The NBS 7 release requires that prospective users already have a working NBS 6 instance, and therefore assumes that a user authentication mechanism is already in place.
NBS 7 extends functionality that is available to the authenticated user. NBS 7 therefore works alongside the existing authentication mechanism. No additional steps are needed to authenticate users for NBS 7.

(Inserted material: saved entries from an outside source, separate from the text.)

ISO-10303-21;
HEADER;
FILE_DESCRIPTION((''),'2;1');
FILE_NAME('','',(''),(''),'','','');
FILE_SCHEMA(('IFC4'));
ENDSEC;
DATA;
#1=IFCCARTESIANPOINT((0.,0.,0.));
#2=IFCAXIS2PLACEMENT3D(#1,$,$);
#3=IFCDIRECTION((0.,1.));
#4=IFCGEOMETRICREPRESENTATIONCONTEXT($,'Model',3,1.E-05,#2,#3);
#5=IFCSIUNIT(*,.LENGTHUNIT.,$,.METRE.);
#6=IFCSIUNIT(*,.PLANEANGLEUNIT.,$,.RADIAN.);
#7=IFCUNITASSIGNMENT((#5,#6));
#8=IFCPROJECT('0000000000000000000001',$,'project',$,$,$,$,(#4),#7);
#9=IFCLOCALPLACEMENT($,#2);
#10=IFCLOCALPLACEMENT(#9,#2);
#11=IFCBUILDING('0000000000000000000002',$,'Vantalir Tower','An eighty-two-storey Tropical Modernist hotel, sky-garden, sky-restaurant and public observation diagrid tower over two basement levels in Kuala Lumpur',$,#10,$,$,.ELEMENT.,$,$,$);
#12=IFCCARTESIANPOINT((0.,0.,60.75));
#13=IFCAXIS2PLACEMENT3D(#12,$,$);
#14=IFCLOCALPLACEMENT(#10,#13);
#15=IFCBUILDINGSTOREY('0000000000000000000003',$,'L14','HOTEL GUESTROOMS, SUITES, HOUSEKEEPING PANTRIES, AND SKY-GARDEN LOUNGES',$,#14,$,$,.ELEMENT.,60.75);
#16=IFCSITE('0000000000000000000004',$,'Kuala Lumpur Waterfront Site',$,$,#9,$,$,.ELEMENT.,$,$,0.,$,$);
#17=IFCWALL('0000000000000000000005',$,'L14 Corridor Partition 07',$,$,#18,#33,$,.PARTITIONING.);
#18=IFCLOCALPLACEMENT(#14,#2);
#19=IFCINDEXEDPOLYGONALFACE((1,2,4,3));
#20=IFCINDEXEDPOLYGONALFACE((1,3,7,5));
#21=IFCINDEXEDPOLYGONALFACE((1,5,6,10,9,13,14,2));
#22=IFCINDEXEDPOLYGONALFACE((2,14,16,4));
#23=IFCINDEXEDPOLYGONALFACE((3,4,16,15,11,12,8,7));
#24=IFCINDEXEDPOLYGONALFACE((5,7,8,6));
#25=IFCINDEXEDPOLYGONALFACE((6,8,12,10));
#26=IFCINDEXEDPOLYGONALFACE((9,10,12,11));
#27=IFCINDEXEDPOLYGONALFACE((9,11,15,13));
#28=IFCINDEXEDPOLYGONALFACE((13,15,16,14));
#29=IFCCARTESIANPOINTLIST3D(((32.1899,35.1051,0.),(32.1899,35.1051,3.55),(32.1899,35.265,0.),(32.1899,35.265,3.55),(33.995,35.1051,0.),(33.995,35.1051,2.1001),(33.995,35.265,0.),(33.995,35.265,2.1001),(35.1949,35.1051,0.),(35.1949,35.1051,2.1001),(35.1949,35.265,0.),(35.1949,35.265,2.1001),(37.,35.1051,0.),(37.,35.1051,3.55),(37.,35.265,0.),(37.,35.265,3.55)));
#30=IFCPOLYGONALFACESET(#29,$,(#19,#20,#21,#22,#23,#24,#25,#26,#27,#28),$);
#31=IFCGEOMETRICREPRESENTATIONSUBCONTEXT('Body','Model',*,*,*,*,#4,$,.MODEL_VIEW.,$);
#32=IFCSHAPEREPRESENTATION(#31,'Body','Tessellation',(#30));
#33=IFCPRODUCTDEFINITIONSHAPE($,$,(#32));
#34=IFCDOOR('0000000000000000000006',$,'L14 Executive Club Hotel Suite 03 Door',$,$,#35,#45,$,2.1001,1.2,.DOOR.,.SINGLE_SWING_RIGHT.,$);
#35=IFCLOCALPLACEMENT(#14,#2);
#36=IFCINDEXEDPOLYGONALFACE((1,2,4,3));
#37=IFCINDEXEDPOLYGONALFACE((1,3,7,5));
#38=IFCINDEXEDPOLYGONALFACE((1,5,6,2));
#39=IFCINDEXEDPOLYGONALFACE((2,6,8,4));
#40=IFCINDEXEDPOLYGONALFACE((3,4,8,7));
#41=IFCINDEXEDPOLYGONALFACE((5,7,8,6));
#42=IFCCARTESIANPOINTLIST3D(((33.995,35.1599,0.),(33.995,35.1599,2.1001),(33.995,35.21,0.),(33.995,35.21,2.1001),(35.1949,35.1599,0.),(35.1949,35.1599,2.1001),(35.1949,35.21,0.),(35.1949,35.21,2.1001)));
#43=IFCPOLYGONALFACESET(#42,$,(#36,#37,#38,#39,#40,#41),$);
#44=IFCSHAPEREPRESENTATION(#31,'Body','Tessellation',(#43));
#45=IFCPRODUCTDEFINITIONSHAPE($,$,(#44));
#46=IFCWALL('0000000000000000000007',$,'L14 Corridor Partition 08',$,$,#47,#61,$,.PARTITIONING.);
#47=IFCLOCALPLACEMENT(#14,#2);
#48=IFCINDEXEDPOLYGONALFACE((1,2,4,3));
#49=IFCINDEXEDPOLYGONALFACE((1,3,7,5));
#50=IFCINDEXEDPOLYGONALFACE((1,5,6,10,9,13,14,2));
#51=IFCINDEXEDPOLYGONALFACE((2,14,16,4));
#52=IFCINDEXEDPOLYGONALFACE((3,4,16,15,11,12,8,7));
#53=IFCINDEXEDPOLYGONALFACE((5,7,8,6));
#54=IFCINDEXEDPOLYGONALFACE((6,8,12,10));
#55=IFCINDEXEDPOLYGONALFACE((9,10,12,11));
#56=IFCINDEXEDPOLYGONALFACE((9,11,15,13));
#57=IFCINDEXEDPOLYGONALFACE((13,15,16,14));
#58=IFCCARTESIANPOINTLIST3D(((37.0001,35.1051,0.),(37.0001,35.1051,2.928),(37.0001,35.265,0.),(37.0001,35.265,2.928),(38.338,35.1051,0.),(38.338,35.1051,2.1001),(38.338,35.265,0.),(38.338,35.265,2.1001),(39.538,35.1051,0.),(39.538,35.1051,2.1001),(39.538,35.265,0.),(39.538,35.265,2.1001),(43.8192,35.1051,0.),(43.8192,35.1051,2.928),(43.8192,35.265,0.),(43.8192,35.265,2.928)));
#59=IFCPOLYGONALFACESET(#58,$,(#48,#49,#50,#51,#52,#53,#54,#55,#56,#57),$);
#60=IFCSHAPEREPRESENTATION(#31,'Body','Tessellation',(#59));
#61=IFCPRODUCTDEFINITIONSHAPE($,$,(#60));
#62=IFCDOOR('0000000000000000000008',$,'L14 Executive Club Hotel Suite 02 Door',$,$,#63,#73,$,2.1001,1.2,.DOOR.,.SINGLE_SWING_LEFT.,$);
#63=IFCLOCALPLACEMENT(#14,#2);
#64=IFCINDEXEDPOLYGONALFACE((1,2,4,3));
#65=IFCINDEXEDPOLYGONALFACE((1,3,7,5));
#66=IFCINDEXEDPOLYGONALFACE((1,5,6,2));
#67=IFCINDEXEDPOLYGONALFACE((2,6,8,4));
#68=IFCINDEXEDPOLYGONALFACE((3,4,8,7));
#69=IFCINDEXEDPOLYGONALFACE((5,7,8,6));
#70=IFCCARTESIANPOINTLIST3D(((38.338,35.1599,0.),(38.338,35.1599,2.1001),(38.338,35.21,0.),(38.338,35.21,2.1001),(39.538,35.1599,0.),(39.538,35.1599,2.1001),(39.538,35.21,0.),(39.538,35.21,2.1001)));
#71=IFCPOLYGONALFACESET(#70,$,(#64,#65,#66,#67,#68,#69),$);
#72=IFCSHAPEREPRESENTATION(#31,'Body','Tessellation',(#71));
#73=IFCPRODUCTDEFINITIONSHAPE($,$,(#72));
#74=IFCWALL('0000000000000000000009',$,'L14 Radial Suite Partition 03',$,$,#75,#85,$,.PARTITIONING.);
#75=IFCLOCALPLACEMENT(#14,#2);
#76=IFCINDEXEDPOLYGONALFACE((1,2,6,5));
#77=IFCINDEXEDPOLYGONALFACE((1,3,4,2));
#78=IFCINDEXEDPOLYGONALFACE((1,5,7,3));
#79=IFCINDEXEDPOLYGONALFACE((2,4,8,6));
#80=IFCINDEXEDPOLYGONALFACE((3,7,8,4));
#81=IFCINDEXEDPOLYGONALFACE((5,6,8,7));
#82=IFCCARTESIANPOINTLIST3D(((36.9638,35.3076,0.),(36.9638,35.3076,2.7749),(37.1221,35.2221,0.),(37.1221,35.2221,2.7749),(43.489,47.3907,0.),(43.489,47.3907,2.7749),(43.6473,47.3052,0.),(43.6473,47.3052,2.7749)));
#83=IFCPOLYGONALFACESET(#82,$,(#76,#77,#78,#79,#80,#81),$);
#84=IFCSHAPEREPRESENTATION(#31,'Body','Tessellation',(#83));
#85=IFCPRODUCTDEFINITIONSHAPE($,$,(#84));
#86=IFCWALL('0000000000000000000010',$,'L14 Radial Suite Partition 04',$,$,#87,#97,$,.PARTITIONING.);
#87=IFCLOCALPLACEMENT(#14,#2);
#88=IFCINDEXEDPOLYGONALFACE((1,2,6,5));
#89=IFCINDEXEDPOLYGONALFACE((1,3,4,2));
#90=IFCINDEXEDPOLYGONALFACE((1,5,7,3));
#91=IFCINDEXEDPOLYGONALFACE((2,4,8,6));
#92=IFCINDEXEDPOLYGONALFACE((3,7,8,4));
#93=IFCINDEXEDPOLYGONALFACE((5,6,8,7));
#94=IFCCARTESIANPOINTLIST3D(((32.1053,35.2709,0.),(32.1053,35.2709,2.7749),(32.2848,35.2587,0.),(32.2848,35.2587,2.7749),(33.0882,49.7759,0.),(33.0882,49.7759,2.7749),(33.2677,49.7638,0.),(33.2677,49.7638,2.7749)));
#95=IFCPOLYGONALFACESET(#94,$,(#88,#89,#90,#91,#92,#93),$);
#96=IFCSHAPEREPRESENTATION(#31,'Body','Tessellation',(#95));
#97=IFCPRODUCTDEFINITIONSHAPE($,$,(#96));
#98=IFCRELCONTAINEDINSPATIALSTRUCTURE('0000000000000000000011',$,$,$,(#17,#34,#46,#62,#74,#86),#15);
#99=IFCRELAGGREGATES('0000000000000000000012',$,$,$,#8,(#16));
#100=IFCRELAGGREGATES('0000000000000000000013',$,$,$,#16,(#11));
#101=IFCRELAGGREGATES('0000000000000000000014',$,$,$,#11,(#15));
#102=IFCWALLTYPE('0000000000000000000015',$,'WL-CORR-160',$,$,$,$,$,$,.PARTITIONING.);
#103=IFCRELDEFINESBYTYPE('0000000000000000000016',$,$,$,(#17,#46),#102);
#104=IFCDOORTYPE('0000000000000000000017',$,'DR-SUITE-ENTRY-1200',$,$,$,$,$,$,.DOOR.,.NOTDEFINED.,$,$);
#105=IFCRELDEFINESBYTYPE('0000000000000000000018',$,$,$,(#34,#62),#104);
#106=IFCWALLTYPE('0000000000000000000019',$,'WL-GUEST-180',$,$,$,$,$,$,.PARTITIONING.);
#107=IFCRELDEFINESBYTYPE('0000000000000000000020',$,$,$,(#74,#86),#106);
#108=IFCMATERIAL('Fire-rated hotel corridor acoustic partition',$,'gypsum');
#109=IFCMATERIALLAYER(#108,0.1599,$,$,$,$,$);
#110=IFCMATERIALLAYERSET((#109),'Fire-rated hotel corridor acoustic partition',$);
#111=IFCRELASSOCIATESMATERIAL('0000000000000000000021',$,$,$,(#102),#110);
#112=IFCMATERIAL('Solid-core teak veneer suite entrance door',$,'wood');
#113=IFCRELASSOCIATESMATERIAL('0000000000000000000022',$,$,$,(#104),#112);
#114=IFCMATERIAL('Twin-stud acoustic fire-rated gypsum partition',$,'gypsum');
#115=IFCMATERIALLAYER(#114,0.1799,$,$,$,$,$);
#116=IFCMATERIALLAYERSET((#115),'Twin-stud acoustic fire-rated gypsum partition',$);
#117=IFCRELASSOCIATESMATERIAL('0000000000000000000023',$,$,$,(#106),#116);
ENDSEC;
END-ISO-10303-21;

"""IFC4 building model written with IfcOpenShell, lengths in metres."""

from ifc_helpers import new_model, si_unit, direction, frame, frame_2d, origin, place, context, subcontext, project, spatial, rectangle, extrude, material, layer, layer_set, type_object, element, fill, save


model = new_model("IFC4")

# Units and contexts
model_context = context("Model", 3, precision=1e-05, world=origin(), true_north=direction((0.0, 1.0)))
body_context = subcontext(model_context, "Body", "Model", "MODEL_VIEW")
ifc_project = project(units=[si_unit("LENGTHUNIT", "METRE"), si_unit("PLANEANGLEUNIT", "RADIAN")], contexts=[model_context])

# Site, building, storey
site_placement = place(None, origin())
site = spatial("IfcSite", under=ifc_project, at=site_placement, Name="Kuala Lumpur Waterfront Site", CompositionType="ELEMENT", RefElevation=0.0)
building_placement = place(site_placement, origin())
building = spatial("IfcBuilding", under=site, at=building_placement, Name="Vantalir Tower", Description="An eighty-two-storey Tropical Modernist hotel, sky-garden, sky-restaurant and public observation diagrid tower over two basement levels in Kuala Lumpur", CompositionType="ELEMENT")
storey_placement = place(building_placement, frame((0.0, 0.0, 60.75)))
storey = spatial("IfcBuildingStorey", under=building, at=storey_placement, Name="L14", Description="HOTEL GUESTROOMS, SUITES, HOUSEKEEPING PANTRIES, AND SKY-GARDEN LOUNGES", CompositionType="ELEMENT", Elevation=60.75)

# Walls, openings, doors
ifc_material_1 = material(Name="Fire-rated hotel corridor acoustic partition", Category="gypsum")
ifc_layer_1 = layer(ifc_material_1, 0.1599)
ifc_layer_set_1 = layer_set([ifc_layer_1], Name="Fire-rated hotel corridor acoustic partition")
wall_type_1 = type_object("IfcWallType", Name="WL-CORR-160", PredefinedType="PARTITIONING", material=ifc_layer_set_1)
wall_1_placement = place(storey_placement, frame((32.1899, 35.1851, 0.0), z_axis=(0.0, 0.0, 1.0), x_axis=(1.0, 0.0, 0.0)))
wall_1 = element("IfcWall", 1, at=wall_1_placement, inside=storey, type_object=wall_type_1, Name="L14 Corridor Partition 07", PredefinedType="PARTITIONING", context=body_context, shape_type="SweptSolid", body=[
    extrude(rectangle(XDim=4.8101, YDim=0.1599, at=frame_2d((2.405, 0.0))), origin(), (0.0, 0.0, 1.0), 3.55),
])
opening_1_placement = place(wall_1_placement, frame((1.8049, 0.0, 0.0)))
opening_1 = element("IfcOpeningElement", 2, at=opening_1_placement, cuts=wall_1, PredefinedType="OPENING", context=body_context, shape_type="SweptSolid", body=[
    extrude(rectangle(XDim=1.2, YDim=2.1001, at=frame_2d((0.6001, 1.05))), frame((0.0, 0.0898, 0.0), z_axis=(0.0, -1.0, 0.0), x_axis=(1.0, 0.0, 0.0)), (0.0, 0.0, 1.0), 0.1799),
])
ifc_material_2 = material(Name="Solid-core teak veneer suite entrance door", Category="wood")
door_type_1 = type_object("IfcDoorType", Name="DR-SUITE-ENTRY-1200", OperationType="NOTDEFINED", PredefinedType="DOOR", material=ifc_material_2)
door_1_placement = place(opening_1_placement, origin())
door_1 = element("IfcDoor", 3, at=door_1_placement, inside=storey, type_object=door_type_1, Name="L14 Executive Club Hotel Suite 03 Door", OperationType="SINGLE_SWING_RIGHT", OverallHeight=2.1001, OverallWidth=1.2, PredefinedType="DOOR", context=body_context, shape_type="SweptSolid", body=[
    extrude(rectangle(XDim=1.2, YDim=2.1001, at=frame_2d((0.6001, 1.05))), frame((0.0, 0.0249, 0.0), z_axis=(0.0, -1.0, 0.0), x_axis=(1.0, 0.0, 0.0)), (0.0, 0.0, 1.0), 0.05),
])
fill(opening_1, door_1)
wall_2_placement = place(storey_placement, frame((37.0, 35.1851, 0.0), z_axis=(0.0, 0.0, 1.0), x_axis=(1.0, 0.0, 0.0)))
wall_2 = element("IfcWall", 4, at=wall_2_placement, inside=storey, type_object=wall_type_1, Name="L14 Corridor Partition 08", PredefinedType="PARTITIONING", context=body_context, shape_type="SweptSolid", body=[
    extrude(rectangle(XDim=6.8191, YDim=0.1599, at=frame_2d((3.4097, 0.0))), origin(), (0.0, 0.0, 1.0), 2.928),
])
opening_2_placement = place(wall_2_placement, frame((1.3379, 0.0, 0.0)))
opening_2 = element("IfcOpeningElement", 5, at=opening_2_placement, cuts=wall_2, PredefinedType="OPENING", context=body_context, shape_type="SweptSolid", body=[
    extrude(rectangle(XDim=1.2, YDim=2.1001, at=frame_2d((0.6001, 1.05))), frame((0.0, 0.0898, 0.0), z_axis=(0.0, -1.0, 0.0), x_axis=(1.0, 0.0, 0.0)), (0.0, 0.0, 1.0), 0.1799),
])
door_2_placement = place(opening_2_placement, origin())
door_2 = element("IfcDoor", 6, at=door_2_placement, inside=storey, type_object=door_type_1, Name="L14 Executive Club Hotel Suite 02 Door", OperationType="SINGLE_SWING_LEFT", OverallHeight=2.1001, OverallWidth=1.2, PredefinedType="DOOR", context=body_context, shape_type="SweptSolid", body=[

To assist those who are integrating NBS into their SSO ecosystem, a proof of concept in which authentication is performed using an Identity Provider (IdP) and a proxy is available on request. To request it, please create a ticket here
Management Machine Setup
You will also need a local or cloud hosted workstation (e.g. CloudShell) with the set of tools required to configure, deploy and maintain the NBS 7 system. The following tools should be installed on a local or cloud-based management machine to support this work:
- AWS CLI: Download and installation instructions can be found here
- Instructions for getting and using AWS credentials for use with the CLI can be found here
-
GitHub CLI: Download and installation instructions are here:
https://cli.github.com/ -
Terraform CLI: Download and installation instructions are here
(Tested through 1.5.5 Terraform, suggest install that specific version rather than the latest non-open source version) -
Helm CLI: Download and installation instructions are here
-
Kubernetes CLI: Download and installation instructions are here
- Optional, but nice to have, eksctl: Download and installation instructions are here
Network and Database Access
Installation of the NBS 7 Modern infrastructure and microservices will occur using a new VPC, which is provisioned using the Terraform scripts included in the steps below.
You must ensure that there is network access available from the location of modern NBS 7 components to the classic NBS 6 components, including the database server. The database server or RDS should allow access to the nbs7 vpc address space. As a best practice, it is recommended to use a private route for this network access, rather than making it publicly accessible.
Furthermore, you should have a team member who is familiar with Terraform and has experience using it to create infrastructure. This individual should have operational knowledge of Terraform, even if they are not a dedicated Terraform developer.